Remember when getting a McKinsey report meant six-figure invoices and months of consultants camping in your conference rooms? Those days might be ending, though not quite in the way the consulting giants expected. AI startup Rocket has launched a platform that promises McKinsey-style strategic reports at a fraction of the traditional cost, and it’s forcing us to ask some uncomfortable questions about what strategy consulting actually is.
From my perspective as someone who spends most days thinking about agent architectures and reasoning systems, Rocket represents something more interesting than just “cheaper consulting.” It’s a test case for whether we can automate the kind of synthesis and strategic thinking that has historically commanded premium prices precisely because it seemed irreducibly human.
The Architecture of Strategic Thinking
What Rocket is attempting isn’t trivial from a technical standpoint. Generating consulting-style product strategies requires more than just language generation. You need systems that can ingest disparate data sources, identify patterns across market dynamics, competitive positioning, and operational constraints, then synthesize recommendations that account for organizational context. That’s a multi-step reasoning problem with significant uncertainty at each stage.
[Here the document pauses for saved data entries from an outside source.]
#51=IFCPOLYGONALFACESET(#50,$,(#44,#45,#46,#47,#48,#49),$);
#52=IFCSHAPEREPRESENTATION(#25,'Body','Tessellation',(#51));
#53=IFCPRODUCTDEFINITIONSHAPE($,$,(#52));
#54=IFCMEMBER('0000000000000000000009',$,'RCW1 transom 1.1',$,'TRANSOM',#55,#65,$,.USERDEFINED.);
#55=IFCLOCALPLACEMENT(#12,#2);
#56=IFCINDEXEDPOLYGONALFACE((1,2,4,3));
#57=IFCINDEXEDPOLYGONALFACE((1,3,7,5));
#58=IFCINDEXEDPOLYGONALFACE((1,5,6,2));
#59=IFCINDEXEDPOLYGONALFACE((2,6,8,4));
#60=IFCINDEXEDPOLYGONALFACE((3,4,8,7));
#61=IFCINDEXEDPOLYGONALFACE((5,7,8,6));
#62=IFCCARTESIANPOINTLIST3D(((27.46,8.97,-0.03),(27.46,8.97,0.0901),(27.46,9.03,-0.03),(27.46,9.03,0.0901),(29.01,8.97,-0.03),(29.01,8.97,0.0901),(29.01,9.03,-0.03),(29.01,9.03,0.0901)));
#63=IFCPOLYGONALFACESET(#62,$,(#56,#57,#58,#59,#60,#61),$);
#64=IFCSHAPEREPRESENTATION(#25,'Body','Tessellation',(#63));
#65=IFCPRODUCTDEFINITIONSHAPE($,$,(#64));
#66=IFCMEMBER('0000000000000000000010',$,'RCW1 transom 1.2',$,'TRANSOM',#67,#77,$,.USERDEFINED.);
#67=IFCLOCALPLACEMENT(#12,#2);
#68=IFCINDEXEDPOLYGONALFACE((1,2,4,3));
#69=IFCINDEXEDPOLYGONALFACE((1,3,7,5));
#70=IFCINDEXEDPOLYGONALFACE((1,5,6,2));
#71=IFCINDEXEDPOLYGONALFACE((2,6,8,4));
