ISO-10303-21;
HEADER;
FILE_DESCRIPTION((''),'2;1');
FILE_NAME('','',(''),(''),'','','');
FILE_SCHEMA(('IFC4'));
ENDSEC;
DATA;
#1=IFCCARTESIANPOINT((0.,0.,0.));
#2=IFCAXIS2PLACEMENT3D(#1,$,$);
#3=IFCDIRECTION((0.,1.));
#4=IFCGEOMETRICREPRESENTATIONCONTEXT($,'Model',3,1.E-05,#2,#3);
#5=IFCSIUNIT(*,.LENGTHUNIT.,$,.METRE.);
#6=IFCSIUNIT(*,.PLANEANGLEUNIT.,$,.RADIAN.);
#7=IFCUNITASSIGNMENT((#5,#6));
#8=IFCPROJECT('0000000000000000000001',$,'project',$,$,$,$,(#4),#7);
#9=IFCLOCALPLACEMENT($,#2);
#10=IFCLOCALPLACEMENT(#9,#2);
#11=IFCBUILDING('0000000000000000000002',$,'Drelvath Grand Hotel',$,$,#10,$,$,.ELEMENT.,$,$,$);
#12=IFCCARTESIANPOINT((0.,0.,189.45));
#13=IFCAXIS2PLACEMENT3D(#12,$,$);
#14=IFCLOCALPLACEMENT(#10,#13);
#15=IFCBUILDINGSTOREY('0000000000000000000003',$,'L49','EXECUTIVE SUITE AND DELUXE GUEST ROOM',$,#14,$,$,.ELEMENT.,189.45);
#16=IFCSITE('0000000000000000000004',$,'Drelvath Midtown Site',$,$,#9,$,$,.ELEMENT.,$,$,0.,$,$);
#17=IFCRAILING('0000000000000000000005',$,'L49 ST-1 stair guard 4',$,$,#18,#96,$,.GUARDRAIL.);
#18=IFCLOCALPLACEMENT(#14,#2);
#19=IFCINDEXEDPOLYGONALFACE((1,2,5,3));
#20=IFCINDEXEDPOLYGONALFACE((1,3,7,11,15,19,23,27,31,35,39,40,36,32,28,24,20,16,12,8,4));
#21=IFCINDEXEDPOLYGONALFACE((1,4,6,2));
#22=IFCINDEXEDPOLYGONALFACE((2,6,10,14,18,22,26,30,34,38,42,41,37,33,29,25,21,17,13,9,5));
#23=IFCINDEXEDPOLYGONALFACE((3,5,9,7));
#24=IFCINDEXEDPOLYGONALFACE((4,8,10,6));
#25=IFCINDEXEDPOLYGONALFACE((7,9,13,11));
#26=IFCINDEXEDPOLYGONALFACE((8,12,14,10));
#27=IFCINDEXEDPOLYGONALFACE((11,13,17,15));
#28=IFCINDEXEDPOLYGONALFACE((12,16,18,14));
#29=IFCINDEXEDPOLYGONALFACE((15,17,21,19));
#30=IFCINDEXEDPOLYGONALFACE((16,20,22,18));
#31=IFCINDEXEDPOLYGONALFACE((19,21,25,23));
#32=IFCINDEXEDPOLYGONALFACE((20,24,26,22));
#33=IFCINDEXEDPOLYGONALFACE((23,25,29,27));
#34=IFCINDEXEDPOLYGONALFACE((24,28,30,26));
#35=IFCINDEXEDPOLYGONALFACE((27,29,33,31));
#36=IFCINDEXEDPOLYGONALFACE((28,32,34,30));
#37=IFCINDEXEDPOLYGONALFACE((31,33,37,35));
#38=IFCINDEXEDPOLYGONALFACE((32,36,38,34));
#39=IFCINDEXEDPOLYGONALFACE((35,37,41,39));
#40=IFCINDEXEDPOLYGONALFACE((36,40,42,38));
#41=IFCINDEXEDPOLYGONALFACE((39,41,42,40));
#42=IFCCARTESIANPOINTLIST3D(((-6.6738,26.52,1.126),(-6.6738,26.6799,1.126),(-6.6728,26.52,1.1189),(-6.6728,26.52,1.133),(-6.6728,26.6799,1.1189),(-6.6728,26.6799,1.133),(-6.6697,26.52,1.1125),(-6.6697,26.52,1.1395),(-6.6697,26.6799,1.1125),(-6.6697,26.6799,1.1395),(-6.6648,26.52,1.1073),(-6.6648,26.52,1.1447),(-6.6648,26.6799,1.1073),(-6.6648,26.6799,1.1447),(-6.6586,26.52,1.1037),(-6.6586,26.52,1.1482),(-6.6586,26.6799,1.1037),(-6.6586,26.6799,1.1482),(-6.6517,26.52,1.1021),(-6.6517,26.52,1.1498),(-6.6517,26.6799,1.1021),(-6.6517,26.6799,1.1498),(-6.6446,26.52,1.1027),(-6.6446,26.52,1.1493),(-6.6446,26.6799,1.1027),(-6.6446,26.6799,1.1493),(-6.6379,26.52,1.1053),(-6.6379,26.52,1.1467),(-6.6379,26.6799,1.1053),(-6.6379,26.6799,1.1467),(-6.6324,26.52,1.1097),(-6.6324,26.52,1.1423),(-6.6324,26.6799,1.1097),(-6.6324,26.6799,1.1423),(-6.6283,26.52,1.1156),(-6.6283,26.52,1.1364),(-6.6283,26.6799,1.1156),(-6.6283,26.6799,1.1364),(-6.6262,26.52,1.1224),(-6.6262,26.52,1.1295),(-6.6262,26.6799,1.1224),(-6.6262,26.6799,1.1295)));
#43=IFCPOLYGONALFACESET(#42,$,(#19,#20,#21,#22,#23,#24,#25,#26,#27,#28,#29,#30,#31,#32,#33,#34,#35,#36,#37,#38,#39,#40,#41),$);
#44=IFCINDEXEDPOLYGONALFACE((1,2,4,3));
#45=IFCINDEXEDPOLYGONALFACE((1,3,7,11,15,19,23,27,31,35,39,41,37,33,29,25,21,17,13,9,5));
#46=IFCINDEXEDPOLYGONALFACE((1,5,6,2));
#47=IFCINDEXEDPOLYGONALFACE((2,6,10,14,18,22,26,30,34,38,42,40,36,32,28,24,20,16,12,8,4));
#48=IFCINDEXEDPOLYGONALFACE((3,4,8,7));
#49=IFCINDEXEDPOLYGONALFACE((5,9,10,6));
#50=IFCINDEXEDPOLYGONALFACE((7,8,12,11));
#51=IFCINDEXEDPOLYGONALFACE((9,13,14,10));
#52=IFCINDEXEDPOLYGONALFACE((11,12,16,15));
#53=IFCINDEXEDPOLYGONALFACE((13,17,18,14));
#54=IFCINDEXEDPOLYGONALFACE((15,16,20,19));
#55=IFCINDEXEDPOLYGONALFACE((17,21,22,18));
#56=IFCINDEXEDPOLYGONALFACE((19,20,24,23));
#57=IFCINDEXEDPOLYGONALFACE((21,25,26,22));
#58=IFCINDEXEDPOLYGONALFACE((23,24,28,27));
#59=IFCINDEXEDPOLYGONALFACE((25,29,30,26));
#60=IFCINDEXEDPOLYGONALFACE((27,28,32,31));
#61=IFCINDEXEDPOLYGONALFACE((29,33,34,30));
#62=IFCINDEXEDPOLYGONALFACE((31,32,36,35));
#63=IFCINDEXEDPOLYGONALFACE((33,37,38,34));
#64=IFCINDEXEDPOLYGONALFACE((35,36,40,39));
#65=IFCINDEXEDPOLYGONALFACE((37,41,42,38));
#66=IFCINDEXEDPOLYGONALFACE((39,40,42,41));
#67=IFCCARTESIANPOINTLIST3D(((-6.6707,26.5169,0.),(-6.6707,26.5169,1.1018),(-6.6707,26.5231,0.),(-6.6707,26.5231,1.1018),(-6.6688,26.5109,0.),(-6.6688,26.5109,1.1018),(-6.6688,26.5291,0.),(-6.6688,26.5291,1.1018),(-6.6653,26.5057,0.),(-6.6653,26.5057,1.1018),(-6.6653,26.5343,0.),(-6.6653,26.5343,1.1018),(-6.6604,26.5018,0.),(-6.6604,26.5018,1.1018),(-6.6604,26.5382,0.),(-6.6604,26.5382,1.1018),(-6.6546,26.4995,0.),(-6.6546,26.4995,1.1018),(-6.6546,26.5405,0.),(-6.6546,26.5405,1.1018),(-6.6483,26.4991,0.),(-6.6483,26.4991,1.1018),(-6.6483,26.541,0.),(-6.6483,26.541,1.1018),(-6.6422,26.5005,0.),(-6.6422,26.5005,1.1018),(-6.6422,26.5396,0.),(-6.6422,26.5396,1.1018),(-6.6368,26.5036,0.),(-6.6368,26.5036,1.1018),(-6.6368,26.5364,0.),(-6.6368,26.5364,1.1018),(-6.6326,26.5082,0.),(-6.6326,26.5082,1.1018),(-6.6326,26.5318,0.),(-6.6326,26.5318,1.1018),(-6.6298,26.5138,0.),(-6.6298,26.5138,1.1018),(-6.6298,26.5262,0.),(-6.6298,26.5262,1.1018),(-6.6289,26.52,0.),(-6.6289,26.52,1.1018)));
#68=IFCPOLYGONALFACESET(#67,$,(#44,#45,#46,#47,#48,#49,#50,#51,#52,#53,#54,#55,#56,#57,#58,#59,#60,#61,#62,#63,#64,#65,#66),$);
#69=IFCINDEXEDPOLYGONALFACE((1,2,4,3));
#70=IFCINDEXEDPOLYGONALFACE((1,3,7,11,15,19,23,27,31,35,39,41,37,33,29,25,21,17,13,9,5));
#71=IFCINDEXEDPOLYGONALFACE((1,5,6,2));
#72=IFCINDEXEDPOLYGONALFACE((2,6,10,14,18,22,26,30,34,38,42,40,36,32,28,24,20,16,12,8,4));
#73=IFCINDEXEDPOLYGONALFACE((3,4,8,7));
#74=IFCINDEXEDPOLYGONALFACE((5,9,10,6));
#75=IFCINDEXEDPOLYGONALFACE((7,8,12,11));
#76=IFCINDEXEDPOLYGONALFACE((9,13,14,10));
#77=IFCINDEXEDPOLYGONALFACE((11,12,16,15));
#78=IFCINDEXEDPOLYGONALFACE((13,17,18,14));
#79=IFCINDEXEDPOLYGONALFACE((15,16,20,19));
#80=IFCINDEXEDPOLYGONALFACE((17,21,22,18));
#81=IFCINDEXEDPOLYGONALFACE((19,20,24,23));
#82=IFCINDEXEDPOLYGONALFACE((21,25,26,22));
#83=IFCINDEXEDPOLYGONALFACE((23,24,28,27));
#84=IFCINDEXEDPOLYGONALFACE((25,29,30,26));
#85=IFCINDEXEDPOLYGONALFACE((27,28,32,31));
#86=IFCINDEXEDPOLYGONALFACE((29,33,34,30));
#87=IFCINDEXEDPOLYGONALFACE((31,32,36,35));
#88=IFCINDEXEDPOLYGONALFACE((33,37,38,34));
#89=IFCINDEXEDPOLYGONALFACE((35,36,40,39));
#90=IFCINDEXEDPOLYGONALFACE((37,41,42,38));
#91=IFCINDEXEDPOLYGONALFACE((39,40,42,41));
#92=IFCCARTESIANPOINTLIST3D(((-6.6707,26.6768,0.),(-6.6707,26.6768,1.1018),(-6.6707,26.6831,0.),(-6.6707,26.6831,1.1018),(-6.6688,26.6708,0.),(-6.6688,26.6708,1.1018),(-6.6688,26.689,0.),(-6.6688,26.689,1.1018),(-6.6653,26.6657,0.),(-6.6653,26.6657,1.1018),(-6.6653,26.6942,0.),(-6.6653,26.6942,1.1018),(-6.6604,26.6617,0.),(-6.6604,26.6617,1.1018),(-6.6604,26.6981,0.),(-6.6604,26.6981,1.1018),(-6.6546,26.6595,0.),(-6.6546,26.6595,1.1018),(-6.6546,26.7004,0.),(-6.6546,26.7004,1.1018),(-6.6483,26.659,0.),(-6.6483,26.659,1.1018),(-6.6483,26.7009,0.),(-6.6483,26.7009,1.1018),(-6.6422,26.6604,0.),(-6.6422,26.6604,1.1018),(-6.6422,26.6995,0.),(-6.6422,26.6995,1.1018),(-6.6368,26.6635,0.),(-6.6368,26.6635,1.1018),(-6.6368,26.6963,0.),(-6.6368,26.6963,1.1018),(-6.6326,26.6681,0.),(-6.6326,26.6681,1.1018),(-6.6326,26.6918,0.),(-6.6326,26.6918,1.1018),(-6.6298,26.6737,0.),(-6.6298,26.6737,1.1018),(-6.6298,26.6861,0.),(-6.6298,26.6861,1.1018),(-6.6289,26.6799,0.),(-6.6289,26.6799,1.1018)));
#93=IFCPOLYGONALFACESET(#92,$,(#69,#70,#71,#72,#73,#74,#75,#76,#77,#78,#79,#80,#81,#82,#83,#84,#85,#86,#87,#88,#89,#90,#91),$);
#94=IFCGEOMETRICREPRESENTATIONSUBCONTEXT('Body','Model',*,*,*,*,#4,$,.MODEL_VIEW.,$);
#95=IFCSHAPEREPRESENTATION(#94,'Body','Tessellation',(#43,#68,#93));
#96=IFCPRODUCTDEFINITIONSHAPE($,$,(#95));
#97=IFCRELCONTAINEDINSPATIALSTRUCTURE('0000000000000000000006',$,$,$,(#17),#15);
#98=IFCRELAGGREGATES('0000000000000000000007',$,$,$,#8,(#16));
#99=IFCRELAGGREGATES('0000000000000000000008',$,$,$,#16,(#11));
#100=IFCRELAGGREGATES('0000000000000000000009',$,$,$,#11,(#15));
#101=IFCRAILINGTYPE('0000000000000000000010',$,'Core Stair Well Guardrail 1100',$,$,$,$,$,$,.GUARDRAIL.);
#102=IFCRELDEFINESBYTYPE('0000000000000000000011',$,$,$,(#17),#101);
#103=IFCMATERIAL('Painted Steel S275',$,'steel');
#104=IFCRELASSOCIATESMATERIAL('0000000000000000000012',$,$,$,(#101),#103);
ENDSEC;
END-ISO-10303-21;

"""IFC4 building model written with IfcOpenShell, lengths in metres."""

from ifc_helpers import new_model, si_unit, direction, frame, origin, origin_2d, place, context, subcontext, project, spatial, circle, extrude, material, type_object, element, save


model = new_model("IFC4")

# Units and contexts
model_context = context("Model", 3, precision=1e-05, world=origin(), true_north=direction((0.0, 1.0)))
body_context = subcontext(model_context, "Body", "Model", "MODEL_VIEW")
ifc_project = project(units=[si_unit("LENGTHUNIT", "METRE"), si_unit("PLANEANGLEUNIT", "RADIAN")], contexts=[model_context])

# Site, building, storey
site_placement = place(None, origin())
site = spatial("IfcSite", under=ifc_project, at=site_placement, Name="Drelvath Midtown Site", CompositionType="ELEMENT", RefElevation=0.0)
building_placement = place(site_placement, origin())
building = spatial("IfcBuilding", under=site, at=building_placement, Name="Drelvath Grand Hotel", CompositionType="ELEMENT")
storey_placement = place(building_placement, frame((0.0, 0.0, 189.45)))
storey = spatial("IfcBuildingStorey", under=building, at=storey_placement, Name="L49", Description="EXECUTIVE SUITE AND DELUXE GUEST ROOM", CompositionType="ELEMENT", Elevation=189.45)

# Shared definitions
ifc_material_1 = material(Name="Painted Steel S275", Category="steel")

# Railing
railing_type_1 = type_object("IfcRailingType", Name="Core Stair Well Guardrail 1100", PredefinedType="GUARDRAIL", material=ifc_material_1)
railing_1_placement = place(storey_placement, frame((-6.6499, 26.52, 0.0)))
element("IfcRailing", 1, at=railing_1_placement, inside=storey, type_object=railing_type_1, Name="L49 ST-1 stair guard 4", PredefinedType="GUARDRAIL", context=body_context, shape_type="SweptSolid", body=[
    extrude(circle(Radius=0.0239, at=origin_2d()), frame((0.0, 0.0, 1.126), z_axis=(0.0, 1.0, 0.0), x_axis=(-1.0, 0.0, 0.0)), (0.0, 0.0, 1.0), 0.1599),
    extrude(circle(Radius=0.021, at=origin_2d()), origin(), (0.0, 0.0, 1.0), 1.1018),
    extrude(circle(Radius=0.021, at=origin_2d()), frame((0.0, 0.1599, 0.0)), (0.0, 0.0, 1.0), 1.1018),
])

save(model, "model.ifc")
The platform focuses on helping businesses decide their next moves, which is consultant-speak for “we’ll tell you what to do.” But the interesting question is how the underlying agent system handles the ambiguity inherent in strategic decision-making. Traditional consulting firms charge what they do partly because they’re selling judgment under uncertainty. Can an AI system replicate that, or is it just pattern-matching against historical strategy frameworks?
Trust and the Agentic Era
McKinsey’s own 2026 AI Trust Maturity Survey reveals something telling: organizations are making progress in trust maturity, but persistent gaps remain in strategy and governance. This creates a paradox for platforms like Rocket. Businesses are being asked to trust AI-generated strategic recommendations at precisely the moment when trust frameworks for AI decision-making are still immature.
The shift to what McKinsey calls “the agentic era” means we’re moving from AI as a tool to AI as a decision-maker. That’s a fundamentally different trust relationship. When a consultant gives you bad advice, you can interrogate their reasoning, challenge their assumptions, and hold them accountable. When an AI agent generates a strategy report, the reasoning chain is often opaque, the training data is unknown, and accountability is murky at best.
The Reshaping of Knowledge Work
Data suggests around 75% of current roles will need to be reshaped as AI embeds across workflows. Strategy consulting is just one domain, but it’s a particularly interesting one because it sits at the intersection of analysis, synthesis, and persuasion. If AI can handle this, what knowledge work is actually safe?
From an agent intelligence perspective, I’m watching to see how Rocket handles the meta-problem: not just generating strategies, but understanding which strategies will be persuasive to which stakeholders. Traditional consultants spend enormous effort on presentation and narrative framing. The content of the recommendation often matters less than how it’s packaged and delivered. Can an AI system learn that kind of organizational psychology?
What This Means for AI Development
Predictions for 2026 highlight significant AI advancements, and Rocket is positioned to ride that wave. But the real test will be whether businesses actually act on AI-generated strategies with the same confidence they’d have in human-generated ones. My suspicion is that we’ll see a hybrid model emerge: AI systems like Rocket handling the analytical heavy lifting and framework generation, with human consultants providing the judgment layer and client relationship management.
The technical challenge isn’t just building agents that can write convincing strategy documents. It’s building systems that can reason about causality in complex business environments, handle contradictory objectives, and generate recommendations that are both analytically sound and politically feasible within specific organizational contexts. That’s a harder problem than it might appear.
Rocket’s bet is that most of what consulting firms charge for is actually commoditizable pattern recognition dressed up in expensive formatting. They might be right. But if they’re wrong, we’ll learn something valuable about the limits of current agent architectures and where human judgment still matters. Either way, the experiment is worth watching closely.